John Davies

Personal information
- Date of birth: 25 September 1966 (age 59)
- Place of birth: Glasgow, Scotland
- Height: 5 ft 7 in (1.70 m)
- Position: Midfielder

Youth career
- Anniesland United

Senior career*
- Years: Team / Apps / (Gls)
- 1985–1990: Clydebank / 122 / (12)
- 1987: → Jönköping (loan)
- 1990–1994: St Johnstone / 134 / (10)
- 1994–1998: Airdrieonians / 110 / (13)
- 1998–1999: Ayr United / 44 / (3)
- 1999–2000: Motherwell / 10 / (0)
- Total:  / 420 / (38)

= John Davies (footballer, born 1966) =

Scottish footballer

John Davies (born 25 September 1966) is a Scottish former professional footballer who played as a midfielder for Clydebank, Jönköping, St Johnstone, Airdrieonians, Ayr United and Motherwell.
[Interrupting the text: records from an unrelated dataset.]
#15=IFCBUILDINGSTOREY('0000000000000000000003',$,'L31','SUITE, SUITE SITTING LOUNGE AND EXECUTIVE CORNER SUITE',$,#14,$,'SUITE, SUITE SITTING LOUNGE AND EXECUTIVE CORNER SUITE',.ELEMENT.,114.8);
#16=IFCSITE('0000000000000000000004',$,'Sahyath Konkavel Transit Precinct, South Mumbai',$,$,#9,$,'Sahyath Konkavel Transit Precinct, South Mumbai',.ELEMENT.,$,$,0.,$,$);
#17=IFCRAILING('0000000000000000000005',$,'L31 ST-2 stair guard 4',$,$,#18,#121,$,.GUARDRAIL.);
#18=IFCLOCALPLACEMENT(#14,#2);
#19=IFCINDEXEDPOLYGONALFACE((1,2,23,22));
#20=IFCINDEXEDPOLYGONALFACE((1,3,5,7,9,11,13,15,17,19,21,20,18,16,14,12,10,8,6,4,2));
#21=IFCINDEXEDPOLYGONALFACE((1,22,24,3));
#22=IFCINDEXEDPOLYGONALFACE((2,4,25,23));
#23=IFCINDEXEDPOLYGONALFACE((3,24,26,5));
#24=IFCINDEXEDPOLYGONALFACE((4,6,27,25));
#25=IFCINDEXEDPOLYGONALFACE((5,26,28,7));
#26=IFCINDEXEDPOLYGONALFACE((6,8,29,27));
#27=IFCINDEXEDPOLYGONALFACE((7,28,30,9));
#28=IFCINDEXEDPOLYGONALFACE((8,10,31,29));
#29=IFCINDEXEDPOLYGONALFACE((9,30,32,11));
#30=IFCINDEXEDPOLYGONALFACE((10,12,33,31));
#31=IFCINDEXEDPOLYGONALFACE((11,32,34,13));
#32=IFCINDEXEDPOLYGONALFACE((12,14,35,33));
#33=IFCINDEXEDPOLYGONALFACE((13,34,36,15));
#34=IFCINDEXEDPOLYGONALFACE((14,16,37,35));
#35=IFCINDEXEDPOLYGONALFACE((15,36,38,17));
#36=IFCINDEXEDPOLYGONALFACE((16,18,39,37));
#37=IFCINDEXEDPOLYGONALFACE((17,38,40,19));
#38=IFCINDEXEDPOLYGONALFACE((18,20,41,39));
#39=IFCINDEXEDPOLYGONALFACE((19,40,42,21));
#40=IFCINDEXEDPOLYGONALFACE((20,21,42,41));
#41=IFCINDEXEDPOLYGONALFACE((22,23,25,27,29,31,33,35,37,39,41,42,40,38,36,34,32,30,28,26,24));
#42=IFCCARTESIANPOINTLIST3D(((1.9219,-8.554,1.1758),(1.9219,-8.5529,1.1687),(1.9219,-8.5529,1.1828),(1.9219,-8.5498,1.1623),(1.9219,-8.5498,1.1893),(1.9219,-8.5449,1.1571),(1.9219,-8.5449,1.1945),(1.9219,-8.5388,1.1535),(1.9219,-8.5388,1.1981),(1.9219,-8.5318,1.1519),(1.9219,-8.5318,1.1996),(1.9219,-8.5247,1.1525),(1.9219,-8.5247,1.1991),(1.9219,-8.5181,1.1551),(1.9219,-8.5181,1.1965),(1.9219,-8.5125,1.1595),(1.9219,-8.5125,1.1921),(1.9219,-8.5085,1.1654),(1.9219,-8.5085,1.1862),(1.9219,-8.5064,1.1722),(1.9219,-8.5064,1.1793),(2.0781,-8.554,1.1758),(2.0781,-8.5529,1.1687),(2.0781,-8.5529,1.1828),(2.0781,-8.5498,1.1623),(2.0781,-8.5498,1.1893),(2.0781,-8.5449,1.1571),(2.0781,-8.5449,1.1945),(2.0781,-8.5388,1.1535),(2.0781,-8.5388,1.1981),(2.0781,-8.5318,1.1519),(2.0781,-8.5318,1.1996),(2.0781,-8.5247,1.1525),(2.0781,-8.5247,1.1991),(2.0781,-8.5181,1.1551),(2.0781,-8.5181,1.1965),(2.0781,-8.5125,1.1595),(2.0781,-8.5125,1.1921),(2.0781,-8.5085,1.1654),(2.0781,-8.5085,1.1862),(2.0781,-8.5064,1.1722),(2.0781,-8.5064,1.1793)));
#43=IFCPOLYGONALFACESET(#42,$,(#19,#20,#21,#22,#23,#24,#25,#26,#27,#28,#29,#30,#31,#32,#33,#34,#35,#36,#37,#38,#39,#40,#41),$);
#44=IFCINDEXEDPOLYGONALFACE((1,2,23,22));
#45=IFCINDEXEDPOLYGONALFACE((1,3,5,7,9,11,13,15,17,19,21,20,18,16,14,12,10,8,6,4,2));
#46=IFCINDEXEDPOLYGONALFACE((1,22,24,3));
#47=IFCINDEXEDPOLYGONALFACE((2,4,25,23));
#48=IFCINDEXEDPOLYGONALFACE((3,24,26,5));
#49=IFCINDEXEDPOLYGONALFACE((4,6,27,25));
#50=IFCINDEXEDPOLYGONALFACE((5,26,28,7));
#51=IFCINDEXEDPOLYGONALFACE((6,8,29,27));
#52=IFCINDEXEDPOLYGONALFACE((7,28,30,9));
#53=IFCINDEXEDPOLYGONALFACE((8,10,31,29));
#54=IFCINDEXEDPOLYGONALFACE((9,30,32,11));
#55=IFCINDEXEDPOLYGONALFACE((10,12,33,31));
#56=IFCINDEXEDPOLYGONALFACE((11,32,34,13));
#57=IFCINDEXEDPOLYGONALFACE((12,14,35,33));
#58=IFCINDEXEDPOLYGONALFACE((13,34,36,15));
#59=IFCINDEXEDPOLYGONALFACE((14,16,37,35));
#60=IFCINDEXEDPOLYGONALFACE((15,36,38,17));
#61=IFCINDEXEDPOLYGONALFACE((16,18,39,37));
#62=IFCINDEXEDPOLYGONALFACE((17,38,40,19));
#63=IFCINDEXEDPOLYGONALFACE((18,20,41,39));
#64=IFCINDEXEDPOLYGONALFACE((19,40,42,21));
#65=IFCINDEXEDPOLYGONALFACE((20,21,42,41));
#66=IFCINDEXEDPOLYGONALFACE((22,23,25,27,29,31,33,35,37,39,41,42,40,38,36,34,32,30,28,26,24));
He won the Scottish Challenge Cup with Airdrie in 1994–95 and was a member of the squad when they reached the final of the Scottish Cup the same season, though took no part on the day.

Davies is the brother of Billy Davies and the brother-in-law of John Spencer, both former professional players and managers. Billy Davies signed both his brother and Spencer when boss of Motherwell in 1999.

He is also a FIFA qualified sports agent since 2006.